Подобный аспект рассмотрения и анализа исторических явлений, начиная с 60-х годов XX в., был характерен для исследований многих российских ученых, идейными вдохновителями которых являлись такие выдающиеся историки, как Б. Ф. Поршнев, А. Я. Гуревич, Ю. Л. Бессмертный, Л. В. Данилова и другие. В их трудах история эмоций трактовалась в рамках истории семьи, сексуальности и частной жизни вообще54. Эти традиции нашли свое продолжение в трудах НЛ. Пушкаре — вой, где подробно исследуется мир чувств и сексуальности русской женщины Х-Х1Х веков55.
В последние 20-30 лет с развитием новой области знаний — гендерных исследований, изучение жизни женщины в различные исторические эпохи, ее интимных переживаний, того, как она познает свой внутренний мир и свою телесную оболочку (как неразрывную часть ее личности), — все это оказывается в центре внимания ученых, представителей различных гуманитарных наук.
Как видим, в наш XXI век разрушено большинство границ и появились широкие возможности для свободного и объективного рассмотрения указанных проблем. И важнее всего, на наш взгляд, то, что голос женщин-ученых, открыто говорящих правду о женском теле, об интимных чувствах и переживаниях, услышан и занимает достойное место в дискурсе современной науки.

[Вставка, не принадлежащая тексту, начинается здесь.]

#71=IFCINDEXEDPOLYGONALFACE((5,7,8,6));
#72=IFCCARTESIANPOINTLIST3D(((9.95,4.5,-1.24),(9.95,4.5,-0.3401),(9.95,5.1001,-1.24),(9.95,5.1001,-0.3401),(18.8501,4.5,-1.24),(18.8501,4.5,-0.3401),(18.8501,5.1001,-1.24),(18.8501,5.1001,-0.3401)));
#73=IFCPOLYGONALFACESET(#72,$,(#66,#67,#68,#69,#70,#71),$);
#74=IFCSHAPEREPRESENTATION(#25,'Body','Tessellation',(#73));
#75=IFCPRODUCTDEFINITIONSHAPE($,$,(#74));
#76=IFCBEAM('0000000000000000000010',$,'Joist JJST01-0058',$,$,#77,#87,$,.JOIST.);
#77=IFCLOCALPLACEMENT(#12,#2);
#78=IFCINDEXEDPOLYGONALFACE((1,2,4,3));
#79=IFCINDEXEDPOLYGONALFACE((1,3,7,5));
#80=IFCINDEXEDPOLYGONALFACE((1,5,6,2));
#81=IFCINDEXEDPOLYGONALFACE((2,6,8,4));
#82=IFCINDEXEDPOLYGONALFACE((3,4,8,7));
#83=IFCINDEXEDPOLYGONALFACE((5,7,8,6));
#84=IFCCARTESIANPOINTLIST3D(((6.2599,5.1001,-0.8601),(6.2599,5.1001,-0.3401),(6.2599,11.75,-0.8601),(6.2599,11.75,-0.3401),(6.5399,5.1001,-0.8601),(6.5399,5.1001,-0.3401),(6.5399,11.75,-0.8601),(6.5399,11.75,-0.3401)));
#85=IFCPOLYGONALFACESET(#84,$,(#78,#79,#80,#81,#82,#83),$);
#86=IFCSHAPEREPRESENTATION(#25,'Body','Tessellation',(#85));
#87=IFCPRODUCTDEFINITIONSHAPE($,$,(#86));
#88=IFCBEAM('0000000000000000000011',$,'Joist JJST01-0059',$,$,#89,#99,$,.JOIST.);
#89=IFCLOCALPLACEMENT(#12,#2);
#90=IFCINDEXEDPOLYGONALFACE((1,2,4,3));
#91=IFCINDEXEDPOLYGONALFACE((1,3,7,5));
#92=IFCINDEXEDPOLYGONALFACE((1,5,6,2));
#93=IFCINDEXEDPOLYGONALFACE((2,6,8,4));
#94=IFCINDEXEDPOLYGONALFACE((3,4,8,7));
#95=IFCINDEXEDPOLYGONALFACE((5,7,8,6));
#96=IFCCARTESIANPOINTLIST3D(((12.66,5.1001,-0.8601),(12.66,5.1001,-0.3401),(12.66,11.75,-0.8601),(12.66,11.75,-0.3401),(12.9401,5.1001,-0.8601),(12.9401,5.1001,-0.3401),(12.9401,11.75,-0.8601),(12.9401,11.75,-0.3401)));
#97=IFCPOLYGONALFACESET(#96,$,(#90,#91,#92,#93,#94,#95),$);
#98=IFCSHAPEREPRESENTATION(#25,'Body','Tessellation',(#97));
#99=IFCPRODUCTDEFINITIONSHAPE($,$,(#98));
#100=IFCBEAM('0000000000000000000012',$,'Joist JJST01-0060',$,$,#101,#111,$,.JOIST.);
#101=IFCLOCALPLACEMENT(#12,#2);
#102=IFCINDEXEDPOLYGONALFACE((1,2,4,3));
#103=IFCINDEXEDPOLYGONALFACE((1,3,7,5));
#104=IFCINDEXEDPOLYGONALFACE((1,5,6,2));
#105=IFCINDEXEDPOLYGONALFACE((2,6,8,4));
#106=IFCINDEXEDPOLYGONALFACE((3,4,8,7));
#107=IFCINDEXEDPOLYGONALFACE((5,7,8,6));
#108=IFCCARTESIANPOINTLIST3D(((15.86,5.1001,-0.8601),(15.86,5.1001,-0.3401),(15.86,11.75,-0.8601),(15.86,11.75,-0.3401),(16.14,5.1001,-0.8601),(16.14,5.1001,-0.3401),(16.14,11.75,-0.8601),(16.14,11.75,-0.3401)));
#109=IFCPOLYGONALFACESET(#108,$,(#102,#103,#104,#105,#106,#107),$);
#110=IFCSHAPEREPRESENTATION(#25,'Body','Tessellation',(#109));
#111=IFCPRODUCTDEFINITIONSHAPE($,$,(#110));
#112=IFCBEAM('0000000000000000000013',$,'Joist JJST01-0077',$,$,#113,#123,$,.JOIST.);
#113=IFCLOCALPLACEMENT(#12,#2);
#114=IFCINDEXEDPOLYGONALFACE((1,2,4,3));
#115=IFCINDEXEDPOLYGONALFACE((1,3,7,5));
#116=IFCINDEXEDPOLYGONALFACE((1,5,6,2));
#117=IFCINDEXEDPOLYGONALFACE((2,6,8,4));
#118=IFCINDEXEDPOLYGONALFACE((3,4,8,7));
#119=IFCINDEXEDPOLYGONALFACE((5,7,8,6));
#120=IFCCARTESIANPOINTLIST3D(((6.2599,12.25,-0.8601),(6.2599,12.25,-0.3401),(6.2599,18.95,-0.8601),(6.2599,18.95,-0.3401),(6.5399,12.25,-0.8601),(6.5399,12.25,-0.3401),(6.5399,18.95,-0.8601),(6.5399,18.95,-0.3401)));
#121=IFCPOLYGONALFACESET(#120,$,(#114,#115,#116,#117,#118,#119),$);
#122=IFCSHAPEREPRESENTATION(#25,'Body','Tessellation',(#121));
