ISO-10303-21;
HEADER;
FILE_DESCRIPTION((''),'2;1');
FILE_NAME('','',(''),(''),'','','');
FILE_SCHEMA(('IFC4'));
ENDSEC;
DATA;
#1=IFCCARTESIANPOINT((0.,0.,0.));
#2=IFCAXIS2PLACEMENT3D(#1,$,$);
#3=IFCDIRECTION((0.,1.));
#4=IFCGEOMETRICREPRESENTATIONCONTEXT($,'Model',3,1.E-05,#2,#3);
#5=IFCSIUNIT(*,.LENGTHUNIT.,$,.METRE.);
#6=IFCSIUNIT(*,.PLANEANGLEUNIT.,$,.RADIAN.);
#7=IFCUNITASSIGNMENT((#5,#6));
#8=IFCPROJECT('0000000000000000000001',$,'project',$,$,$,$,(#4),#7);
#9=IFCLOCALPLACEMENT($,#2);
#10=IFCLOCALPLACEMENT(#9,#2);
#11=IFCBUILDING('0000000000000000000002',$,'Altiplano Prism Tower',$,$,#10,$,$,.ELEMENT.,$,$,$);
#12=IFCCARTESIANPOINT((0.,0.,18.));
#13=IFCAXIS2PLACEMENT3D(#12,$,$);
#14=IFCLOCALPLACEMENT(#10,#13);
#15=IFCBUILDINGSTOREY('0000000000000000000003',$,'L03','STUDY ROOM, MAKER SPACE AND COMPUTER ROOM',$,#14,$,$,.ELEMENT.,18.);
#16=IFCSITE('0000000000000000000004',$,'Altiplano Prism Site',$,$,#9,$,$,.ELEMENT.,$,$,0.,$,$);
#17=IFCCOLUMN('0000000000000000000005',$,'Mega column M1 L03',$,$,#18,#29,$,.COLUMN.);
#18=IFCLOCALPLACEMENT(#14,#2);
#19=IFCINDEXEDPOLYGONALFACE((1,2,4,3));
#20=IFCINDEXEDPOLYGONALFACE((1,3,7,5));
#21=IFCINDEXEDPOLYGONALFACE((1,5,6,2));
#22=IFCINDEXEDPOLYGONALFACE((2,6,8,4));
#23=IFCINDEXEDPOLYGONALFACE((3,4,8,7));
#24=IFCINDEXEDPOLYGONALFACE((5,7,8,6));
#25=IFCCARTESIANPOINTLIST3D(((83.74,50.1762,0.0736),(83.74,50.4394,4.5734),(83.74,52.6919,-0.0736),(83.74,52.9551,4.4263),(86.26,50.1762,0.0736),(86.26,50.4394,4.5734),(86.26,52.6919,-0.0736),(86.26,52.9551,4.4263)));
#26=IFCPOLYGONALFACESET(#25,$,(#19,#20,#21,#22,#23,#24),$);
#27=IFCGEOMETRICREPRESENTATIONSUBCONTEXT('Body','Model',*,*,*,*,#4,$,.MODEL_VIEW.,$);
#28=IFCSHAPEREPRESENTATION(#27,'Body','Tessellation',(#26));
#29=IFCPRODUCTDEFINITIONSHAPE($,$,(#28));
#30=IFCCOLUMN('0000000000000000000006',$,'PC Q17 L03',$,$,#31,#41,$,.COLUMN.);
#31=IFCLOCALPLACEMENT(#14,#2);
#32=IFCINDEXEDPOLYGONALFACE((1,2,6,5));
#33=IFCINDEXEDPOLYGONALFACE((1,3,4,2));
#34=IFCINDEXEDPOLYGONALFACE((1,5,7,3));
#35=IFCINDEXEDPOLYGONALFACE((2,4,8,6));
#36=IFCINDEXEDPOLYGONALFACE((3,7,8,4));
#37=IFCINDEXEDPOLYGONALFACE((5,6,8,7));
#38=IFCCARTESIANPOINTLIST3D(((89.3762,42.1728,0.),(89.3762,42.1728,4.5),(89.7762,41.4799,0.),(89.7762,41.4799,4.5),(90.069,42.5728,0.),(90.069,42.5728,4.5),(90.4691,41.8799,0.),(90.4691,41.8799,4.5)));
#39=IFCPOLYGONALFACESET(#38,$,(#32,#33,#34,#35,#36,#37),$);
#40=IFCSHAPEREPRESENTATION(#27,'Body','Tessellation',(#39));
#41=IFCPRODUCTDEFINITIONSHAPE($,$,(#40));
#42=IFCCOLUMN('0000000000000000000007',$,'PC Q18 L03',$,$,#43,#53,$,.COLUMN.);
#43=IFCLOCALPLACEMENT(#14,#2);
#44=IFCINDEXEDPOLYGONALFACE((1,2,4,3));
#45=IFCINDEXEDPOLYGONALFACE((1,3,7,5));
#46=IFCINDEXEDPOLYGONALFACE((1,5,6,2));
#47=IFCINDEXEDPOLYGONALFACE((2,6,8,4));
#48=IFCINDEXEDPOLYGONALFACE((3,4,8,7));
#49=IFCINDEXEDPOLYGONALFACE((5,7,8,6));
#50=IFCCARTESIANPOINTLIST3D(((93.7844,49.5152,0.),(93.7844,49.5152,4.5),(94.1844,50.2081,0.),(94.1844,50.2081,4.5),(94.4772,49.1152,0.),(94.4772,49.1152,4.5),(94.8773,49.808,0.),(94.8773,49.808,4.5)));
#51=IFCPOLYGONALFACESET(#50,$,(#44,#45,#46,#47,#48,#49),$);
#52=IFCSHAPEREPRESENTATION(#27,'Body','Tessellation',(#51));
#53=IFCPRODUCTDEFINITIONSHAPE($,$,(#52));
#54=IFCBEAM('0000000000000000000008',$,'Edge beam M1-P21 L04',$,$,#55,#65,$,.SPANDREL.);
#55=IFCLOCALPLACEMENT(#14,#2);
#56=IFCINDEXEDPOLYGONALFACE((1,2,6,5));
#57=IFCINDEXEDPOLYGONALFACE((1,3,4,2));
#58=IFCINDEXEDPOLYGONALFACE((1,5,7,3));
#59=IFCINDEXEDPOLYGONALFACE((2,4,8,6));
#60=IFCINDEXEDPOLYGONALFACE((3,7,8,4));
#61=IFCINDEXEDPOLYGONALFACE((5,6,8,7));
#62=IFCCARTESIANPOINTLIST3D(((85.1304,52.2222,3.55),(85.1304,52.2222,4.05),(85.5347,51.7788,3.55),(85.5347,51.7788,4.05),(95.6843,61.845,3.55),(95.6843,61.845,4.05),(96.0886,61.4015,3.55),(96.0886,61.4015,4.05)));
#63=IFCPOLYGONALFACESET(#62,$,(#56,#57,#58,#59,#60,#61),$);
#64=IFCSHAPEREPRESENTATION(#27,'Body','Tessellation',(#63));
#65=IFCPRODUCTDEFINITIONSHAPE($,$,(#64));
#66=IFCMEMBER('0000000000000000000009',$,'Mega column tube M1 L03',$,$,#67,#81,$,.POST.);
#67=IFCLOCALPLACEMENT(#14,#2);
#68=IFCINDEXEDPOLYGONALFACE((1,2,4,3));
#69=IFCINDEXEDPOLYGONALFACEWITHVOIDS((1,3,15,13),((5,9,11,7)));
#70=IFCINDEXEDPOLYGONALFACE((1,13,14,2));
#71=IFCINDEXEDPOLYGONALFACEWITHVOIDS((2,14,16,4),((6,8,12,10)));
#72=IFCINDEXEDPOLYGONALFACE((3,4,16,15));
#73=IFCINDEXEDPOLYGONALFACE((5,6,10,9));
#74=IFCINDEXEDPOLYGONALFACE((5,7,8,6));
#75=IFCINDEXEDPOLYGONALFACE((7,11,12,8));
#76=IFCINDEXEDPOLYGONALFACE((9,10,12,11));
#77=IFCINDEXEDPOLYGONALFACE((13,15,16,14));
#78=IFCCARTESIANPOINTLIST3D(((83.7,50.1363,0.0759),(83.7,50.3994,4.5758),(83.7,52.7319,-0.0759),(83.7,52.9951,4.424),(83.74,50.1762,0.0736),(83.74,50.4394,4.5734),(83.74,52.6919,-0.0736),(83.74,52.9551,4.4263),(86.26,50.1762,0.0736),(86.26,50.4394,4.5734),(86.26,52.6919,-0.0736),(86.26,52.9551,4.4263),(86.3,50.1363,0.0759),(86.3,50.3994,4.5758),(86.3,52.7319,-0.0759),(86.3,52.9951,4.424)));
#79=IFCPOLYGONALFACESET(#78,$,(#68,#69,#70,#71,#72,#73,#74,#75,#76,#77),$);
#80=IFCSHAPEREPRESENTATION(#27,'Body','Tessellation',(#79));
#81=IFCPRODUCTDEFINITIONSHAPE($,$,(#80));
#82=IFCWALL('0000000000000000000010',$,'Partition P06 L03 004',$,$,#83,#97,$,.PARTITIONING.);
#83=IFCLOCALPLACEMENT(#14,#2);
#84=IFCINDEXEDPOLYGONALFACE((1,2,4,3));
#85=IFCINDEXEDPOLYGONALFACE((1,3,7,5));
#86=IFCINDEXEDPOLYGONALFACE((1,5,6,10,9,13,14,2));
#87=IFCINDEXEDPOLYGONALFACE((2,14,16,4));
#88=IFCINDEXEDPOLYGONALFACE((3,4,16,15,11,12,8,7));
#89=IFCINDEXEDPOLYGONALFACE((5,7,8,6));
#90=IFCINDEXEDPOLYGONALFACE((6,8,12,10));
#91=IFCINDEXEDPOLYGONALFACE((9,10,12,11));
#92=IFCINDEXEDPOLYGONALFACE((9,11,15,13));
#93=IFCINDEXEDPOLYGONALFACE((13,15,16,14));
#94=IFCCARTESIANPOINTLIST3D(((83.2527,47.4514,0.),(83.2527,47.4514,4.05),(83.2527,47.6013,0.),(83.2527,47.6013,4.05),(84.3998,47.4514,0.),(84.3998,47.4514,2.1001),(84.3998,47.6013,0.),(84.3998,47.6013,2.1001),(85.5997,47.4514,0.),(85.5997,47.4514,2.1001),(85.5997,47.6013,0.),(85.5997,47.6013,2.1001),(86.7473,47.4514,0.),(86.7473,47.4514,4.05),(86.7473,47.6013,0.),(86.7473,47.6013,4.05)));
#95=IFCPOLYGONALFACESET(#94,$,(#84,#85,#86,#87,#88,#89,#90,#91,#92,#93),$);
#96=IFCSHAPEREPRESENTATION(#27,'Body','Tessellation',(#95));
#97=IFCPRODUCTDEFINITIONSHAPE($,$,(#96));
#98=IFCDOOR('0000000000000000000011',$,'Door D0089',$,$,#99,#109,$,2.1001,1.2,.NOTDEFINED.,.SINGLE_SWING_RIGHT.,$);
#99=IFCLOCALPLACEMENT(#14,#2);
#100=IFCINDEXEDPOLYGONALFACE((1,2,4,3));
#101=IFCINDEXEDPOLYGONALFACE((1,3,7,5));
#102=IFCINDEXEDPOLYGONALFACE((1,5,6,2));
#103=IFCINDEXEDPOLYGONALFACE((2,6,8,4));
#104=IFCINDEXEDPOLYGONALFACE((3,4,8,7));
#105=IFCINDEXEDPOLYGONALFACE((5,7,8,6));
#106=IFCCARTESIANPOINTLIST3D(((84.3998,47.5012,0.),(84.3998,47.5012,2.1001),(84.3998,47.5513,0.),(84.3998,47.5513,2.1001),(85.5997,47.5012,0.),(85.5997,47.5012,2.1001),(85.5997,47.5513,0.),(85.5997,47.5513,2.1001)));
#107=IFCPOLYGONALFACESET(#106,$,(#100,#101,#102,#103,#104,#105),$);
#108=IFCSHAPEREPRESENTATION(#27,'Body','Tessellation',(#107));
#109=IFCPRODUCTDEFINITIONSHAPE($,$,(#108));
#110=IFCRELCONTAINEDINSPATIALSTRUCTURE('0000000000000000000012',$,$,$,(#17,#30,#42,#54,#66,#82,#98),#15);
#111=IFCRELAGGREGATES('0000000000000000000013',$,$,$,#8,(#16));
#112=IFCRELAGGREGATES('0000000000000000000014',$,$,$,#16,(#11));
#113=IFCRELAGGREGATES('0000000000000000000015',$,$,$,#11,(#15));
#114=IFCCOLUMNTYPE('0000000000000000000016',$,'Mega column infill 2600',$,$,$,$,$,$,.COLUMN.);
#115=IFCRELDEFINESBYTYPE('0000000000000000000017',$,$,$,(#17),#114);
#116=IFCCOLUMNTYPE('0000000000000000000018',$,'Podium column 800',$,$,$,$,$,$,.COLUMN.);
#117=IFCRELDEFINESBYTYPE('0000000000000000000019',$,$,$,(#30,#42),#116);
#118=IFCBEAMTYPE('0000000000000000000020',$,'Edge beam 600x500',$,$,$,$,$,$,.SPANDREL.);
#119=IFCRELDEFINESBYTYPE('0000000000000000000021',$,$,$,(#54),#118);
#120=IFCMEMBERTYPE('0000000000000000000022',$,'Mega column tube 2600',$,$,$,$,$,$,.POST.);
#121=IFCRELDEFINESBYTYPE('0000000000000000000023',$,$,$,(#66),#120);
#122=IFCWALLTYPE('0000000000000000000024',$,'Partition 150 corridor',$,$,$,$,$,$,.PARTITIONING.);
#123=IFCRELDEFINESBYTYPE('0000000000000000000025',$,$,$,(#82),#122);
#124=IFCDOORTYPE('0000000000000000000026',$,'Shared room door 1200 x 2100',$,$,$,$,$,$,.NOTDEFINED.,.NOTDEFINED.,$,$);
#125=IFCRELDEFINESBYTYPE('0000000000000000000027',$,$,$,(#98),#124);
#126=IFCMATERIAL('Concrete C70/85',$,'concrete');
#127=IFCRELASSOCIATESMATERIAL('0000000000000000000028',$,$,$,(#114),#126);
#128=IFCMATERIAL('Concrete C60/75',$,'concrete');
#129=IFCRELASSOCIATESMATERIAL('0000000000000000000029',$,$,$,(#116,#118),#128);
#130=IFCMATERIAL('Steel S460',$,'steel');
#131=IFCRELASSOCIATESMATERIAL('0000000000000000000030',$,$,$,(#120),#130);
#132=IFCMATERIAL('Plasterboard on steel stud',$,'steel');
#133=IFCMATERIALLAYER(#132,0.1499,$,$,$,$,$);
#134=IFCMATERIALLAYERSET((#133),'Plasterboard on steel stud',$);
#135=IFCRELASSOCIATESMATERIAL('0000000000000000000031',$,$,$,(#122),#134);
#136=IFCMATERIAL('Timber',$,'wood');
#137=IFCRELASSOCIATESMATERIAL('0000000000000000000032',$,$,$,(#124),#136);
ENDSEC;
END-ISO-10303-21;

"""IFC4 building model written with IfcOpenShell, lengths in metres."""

from ifc_helpers import new_model, si_unit, direction, frame, frame_2d, origin, origin_2d, place, context, subcontext, project, spatial, rectangle, hollow_rectangle, extrude, material, layer, layer_set, material_profile, profile_set, type_object, element, fill, save


model = new_model("IFC4")

# Units and contexts
model_context = context("Model", 3, precision=1e-05, world=origin(), true_north=direction((0.0, 1.0)))
body_context = subcontext(model_context, "Body", "Model", "MODEL_VIEW")
ifc_project = project(units=[si_unit("LENGTHUNIT", "METRE"), si_unit("PLANEANGLEUNIT", "RADIAN")], contexts=[model_context])

# Site, building, storey
site_placement = place(None, origin())
site = spatial("IfcSite", under=ifc_project, at=site_placement, Name="Altiplano Prism Site", CompositionType="ELEMENT", RefElevation=0.0)
building_placement = place(site_placement, origin())
building = spatial("IfcBuilding", under=site, at=building_placement, Name="Altiplano Prism Tower", CompositionType="ELEMENT")
storey_placement = place(building_placement, frame((0.0, 0.0, 18.0)))
storey = spatial("IfcBuildingStorey", under=building, at=storey_placement, Name="L03", Description="STUDY ROOM, MAKER SPACE AND COMPUTER ROOM", CompositionType="ELEMENT", Elevation=18.0)

# Columns
ifc_material_1 = material(Name="Concrete C70/85", Category="concrete")
ifc_material_profile_1 = material_profile(ifc_material_1, rectangle(XDim=2.52, YDim=2.52, at=origin_2d()), Name="Mega column infill 2600")
ifc_profile_set_1 = profile_set([ifc_material_profile_1], Name="Concrete C70/85")
column_type_1 = type_object("IfcColumnType", Name="Mega column infill 2600", PredefinedType="COLUMN", material=ifc_profile_set_1)
column_placement = place(storey_placement, frame((85.0, 51.4341, 0.0), z_axis=(0.0, 0.058385, 0.998294), x_axis=(-1.0, 0.0, 0.0)))
element("IfcColumn", 1, at=column_placement, inside=storey, type_object=column_type_1, Name="Mega column M1 L03", PredefinedType="COLUMN", context=body_context, shape_type="SweptSolid", body=[
    extrude(rectangle(XDim=2.52, YDim=2.52, at=origin_2d()), origin(), (0.0, 0.0, 1.0), 4.5076),
])
ifc_material_2 = material(Name="Concrete C60/75", Category="concrete")
ifc_material_profile_2 = material_profile(ifc_material_2, rectangle(XDim=0.8, YDim=0.8, at=origin_2d()), Name="Podium column 800")
ifc_profile_set_2 = profile_set([ifc_material_profile_2], Name="Concrete C60/75")
column_type_2 = type_object("IfcColumnType", Name="Podium column 800", PredefinedType="COLUMN", material=ifc_profile_set_2)
for number, where, z_axis, x_axis, name in (
    (2, (89.9226, 42.0264, 0.0), (0.0, 0.0, 1.0), (0.866025, 0.5, 0.0), "PC Q17 L03"),
    (3, (94.3308, 49.6616, 0.0), (0.0, 0.0, 1.0), (0.5, 0.866025, 0.0), "PC Q18 L03"),
):
    element("IfcColumn", number, at=place(storey_placement, frame(where, z_axis=z_axis, x_axis=x_axis)), inside=storey, type_object=column_type_2, Name=name, PredefinedType="COLUMN", context=body_context, shape_type="SweptSolid", body=[
        extrude(rectangle(XDim=0.8, YDim=0.8, at=origin_2d()), origin(), (0.0, 0.0, 1.0), 4.5),
    ])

Если ранее в науке, литературе и в искусстве женские персонажи говорили словами своих создателей — мужчин, и в основном действовали в рамках патриархальных норм, то со временем они против воли автора, повинуясь логике правды жизни, вырывались из-под их контроля, как, например, это случилось с Анной Карениной, которую Л. Н. Толстой хотел вывести в качестве порочной женщины и тем самым осудить такой тип характера. Но на деле этот образ вызывает у читателей сочувствие и понимание.
Более того, нередко героини современных романов и повестей, стараясь выпутаться из схем фаллоцентричной культуры, сопротивляются автору и вступают с ним в диалог, а иногда и в прямой конфликт, что свидетельствует о том, что творцы — мужчины сами готовы быть инициаторами смены парадигмы андроцентричного общества.
Так, Патти Дифуса — героиня книги знаменитого испанского кинорежиссера Педро Альмодовара, ожесточенно спорит с ним, отстаивая свою индивидуальность и заявляя протест против того, чтобы быть просто символом, а не живым персонажем. «Ты недооцениваешь мои способности, — говорит она ему, — это несправедливо! Если я — твое отражение, то пусть я останусь молодой, пока ты не выживешь из ума. Преврати меня в идеал, над которым не властна реальность, как портрет Дориана Грея! Разрушайся сам, а я останусь божественной! <…> Зачем же ты меня воскресил, можно узнать? Чтобы я осталась немой, слепой и никак себя не выражала?»56. И Патти Дифуса делает вывод: «…увидев свое отражение в других, я почувствовала презрение к СЕБЕ САМОЙ. И это мне НЕ нравится. Почему я должна превращаться в МИФ?»57 «… я не только обладательница тела, которое сводит с ума мужчин, у меня еще и мозги имеются»58.
Как справедливо замечает Н. Л. Пушкарева, для решения вопроса о гендерном неравенстве достаточно было лишь изменить отношение к телу на уровне репрезентаций59. Женщины на протяжении столетий предпринимали попытки в этом направлении. Не всегда они были успешными, разбиваясь о скалы официальной морали и общественного мнения, религиозной нетерпимости и предрассудков. Но шаг за шагом, продвигаясь по сантиметру вперед, женщина прокладывала пути к себе самой, отстаивая свою идентичность посредством предъявления и воплощения своей телесности и своих чувств как самоценных компонентов личности, равных мужскому полу. Восприятие женщиной своей субъективности в значительной мере шло через чувственное познание своих телесных проявлений и связанных с ними переживаний, хотя нужно признать, что данный процесс был сопряжен с мучительными трудностями, поскольку, как верно замечают философы Н. М. Ершова и Л. А. Мясникова, женщина в процессе поиска себя и своей идентичности мечется между полом (биологической женской сущностью) и гендером (положением на социокультурной лестнице)60. И не последнее место в этих исканиях принадлежит теме отношения к своему телу, осознания его значения и роли не для «другого», а для самой себя.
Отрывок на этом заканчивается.